Hola a todos estoy desarrollando un problema que se me presento, sucede que tengo que llegar mediante calculos fisicos-matemaricos a la temperatura del aire que sale por un secador de pelo. Ya he estado pensando como hacerlo y he encontrado información sobre la ley de joule que me puede ayudar, pero nose como calcular la incidencia del aire que entra, ya que dependiendo de la temperatura del aire que entra va a depeder la que sale. 


Cualquier ayuda es bien recibida.

La temperatura solo la puedo medir por los calculos realizados y compararlo con los testeados.

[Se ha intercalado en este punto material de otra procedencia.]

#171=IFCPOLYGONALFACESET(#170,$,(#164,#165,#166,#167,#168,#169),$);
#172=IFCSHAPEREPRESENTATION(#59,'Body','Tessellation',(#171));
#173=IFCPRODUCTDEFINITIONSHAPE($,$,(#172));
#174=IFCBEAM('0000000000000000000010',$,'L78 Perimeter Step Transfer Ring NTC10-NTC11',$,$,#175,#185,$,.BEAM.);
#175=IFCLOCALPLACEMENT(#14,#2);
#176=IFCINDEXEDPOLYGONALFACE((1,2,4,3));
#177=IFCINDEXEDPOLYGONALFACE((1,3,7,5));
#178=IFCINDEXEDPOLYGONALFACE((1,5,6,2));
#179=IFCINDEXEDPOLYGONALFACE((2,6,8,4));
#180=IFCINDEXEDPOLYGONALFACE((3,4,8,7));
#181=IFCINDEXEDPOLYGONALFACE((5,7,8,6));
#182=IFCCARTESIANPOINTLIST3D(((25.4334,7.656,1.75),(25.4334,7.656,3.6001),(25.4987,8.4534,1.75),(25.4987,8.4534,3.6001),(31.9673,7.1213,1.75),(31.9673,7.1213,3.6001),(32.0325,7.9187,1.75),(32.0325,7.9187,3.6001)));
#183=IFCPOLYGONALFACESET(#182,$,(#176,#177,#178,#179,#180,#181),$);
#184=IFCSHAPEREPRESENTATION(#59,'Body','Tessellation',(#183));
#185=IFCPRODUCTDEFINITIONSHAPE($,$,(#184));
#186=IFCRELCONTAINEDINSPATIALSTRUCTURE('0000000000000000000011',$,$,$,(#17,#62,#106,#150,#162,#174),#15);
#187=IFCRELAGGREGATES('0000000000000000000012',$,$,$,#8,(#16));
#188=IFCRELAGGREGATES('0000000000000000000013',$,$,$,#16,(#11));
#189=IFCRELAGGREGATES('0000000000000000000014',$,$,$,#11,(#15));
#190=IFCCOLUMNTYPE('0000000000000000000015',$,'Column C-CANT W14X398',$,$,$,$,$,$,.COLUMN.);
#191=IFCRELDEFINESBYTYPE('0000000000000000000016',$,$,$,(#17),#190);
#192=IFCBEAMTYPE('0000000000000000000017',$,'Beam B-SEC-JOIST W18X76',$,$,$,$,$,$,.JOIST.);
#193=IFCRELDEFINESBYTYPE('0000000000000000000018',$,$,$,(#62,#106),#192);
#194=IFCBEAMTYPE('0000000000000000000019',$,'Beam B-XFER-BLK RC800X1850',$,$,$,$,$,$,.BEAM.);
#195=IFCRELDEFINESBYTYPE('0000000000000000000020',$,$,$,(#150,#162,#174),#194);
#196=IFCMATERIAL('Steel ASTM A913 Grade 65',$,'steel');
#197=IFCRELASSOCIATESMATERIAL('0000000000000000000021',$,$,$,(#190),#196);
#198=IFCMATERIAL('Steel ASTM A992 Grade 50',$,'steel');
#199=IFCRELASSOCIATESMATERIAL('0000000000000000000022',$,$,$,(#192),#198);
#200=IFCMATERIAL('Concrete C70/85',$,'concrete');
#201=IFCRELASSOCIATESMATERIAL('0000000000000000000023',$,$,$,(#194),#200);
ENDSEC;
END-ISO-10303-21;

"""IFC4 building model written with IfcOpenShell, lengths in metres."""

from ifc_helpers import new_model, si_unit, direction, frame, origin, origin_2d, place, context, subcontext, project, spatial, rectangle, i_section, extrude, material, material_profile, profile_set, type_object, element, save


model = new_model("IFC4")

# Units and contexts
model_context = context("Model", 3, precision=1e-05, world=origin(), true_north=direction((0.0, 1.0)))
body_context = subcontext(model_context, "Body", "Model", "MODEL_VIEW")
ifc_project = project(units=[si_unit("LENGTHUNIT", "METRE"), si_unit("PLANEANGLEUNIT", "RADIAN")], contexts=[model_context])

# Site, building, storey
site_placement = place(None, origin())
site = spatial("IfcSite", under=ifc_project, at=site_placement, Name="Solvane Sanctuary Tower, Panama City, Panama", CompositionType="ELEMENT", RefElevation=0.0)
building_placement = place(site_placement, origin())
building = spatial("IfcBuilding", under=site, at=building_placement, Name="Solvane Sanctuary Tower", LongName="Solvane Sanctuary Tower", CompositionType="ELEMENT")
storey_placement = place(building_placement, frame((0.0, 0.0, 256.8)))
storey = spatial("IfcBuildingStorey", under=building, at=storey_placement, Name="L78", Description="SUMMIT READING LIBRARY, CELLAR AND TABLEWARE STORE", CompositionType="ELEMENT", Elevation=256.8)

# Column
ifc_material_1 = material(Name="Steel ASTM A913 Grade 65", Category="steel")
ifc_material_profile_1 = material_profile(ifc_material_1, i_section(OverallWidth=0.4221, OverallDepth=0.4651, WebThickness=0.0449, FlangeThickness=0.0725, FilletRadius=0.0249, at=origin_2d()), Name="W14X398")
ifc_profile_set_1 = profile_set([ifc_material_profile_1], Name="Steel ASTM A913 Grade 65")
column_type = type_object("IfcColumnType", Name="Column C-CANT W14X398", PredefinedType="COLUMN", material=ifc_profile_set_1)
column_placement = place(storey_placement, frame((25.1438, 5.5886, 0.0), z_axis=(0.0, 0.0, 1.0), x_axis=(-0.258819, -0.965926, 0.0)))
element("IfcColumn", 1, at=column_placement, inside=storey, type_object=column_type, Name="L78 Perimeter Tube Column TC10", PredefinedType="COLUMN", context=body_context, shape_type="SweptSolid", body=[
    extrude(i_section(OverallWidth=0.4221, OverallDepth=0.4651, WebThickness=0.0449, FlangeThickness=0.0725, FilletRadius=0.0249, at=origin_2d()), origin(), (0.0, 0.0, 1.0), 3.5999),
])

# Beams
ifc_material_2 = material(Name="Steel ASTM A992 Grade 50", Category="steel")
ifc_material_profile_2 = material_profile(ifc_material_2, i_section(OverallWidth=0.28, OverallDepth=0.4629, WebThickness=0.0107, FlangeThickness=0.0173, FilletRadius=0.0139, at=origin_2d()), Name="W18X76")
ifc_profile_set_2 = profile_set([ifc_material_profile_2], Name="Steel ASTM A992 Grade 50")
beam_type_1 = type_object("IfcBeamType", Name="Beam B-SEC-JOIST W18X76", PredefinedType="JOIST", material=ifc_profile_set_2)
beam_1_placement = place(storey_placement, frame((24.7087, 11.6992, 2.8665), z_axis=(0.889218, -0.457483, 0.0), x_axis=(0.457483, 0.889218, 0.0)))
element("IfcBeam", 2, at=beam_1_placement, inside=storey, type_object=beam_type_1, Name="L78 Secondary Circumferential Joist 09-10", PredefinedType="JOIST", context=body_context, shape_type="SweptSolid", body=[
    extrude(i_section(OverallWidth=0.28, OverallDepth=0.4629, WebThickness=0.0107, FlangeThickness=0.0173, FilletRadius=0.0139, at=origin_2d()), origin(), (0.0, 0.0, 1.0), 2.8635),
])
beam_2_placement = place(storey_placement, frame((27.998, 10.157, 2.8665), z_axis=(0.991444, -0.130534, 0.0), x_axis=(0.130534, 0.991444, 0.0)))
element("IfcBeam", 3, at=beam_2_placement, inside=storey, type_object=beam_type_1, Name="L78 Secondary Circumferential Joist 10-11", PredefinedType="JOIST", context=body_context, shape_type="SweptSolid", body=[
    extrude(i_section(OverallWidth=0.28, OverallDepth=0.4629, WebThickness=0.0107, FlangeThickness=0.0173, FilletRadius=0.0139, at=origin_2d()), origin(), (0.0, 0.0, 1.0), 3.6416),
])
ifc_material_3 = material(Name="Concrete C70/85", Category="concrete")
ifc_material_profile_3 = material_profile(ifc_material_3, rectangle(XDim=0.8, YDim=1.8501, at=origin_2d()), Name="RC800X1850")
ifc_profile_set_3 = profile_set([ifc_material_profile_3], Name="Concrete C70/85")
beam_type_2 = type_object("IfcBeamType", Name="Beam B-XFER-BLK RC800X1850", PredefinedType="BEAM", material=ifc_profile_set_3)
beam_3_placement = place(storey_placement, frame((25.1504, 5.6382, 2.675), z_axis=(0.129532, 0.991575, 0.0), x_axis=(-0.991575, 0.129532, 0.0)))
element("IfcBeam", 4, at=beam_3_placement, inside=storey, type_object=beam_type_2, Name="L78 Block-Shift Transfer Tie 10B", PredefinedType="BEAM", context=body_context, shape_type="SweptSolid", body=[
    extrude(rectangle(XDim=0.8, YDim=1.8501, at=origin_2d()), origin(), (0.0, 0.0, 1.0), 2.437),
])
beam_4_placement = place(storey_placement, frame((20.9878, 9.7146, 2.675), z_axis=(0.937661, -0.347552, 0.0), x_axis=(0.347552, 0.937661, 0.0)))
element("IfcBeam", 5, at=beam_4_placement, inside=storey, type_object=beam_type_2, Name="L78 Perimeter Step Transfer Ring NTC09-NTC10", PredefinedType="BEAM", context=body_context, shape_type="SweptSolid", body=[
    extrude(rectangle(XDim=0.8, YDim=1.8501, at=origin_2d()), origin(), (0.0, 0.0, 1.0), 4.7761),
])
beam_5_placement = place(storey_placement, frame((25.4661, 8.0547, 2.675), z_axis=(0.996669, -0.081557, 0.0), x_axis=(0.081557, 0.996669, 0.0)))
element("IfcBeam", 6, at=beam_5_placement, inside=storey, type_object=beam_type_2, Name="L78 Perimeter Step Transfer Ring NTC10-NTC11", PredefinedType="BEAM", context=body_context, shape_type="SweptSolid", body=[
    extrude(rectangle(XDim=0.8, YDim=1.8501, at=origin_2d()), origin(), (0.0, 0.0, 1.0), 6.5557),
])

buen caldo de cabeza...nooo....


----------



## tecnogirl (Jun 20, 2009)

El caso que zaylets presenta es un caso tipico de la llamada transferencia de calor y que es todo un curso de las ingenierias Quimica y Mecanica. Involucra conocer las caracteristicas termicas del aire, del sistema de transferencia de calor y otros detalles mas. Te sugiero consultar libros sobre Transmision de calor o transferencia de calor (Heat transfer systems). Saludos.


----------



## Cacho (Jun 20, 2009)

Lo que propone Tecnogirl es lo más académicamente correcto, pero...


			
				zaylets dijo:
			
		

> La temperatura solo la puedo medir por los calculos realizados *y compararlo con los testeados*.



¿Qué es lo que hay ya testeado?

Saludos


----------



## zaylets (Jun 20, 2009)

Cacho dijo:
			
		

> Lo que propone Tecnogirl es lo más académicamente correcto, pero...
> 
> 
> 
> ...



Tengo un tester, que me permite medir la temperatura de salida del aire caliente (217ºC , aunque el fabricante dice que son 300ºC).

La idea como dige es llegar por medio de calculos matematicos a los 217ºC que es la temperatura de salida del aire en este momento.

Los datos son:

Voltaje de entrada: 213 volts
Resistencia en la bobina(resitencia que se calienta) : 33 ohms

Apertura de entrada del aire: 46 mm
Apertura de la salida del aire: 22,5 mm
Velocidad del aire: 13 m/s

Lo que he calculado hasta ahora:

-La primera pista la he encontrado en el Efecto Joule:

Joule= (voltage al cuadrado)/ (Resistencia)= (213*213)/(33)= 1374,818 Joules

De aqui para adelante tengo problemas.

-Luego indagando en internet, encontre la formula para para calcular la energia calorifica necesaria para elevar la temperatura de una sustancia.

Q=peso en gramos (en mi caso del aire)*( T1-T0)*Calor especifico, en mi caso del aire= 1374,818 Joules ( que fueron los calculados arriba).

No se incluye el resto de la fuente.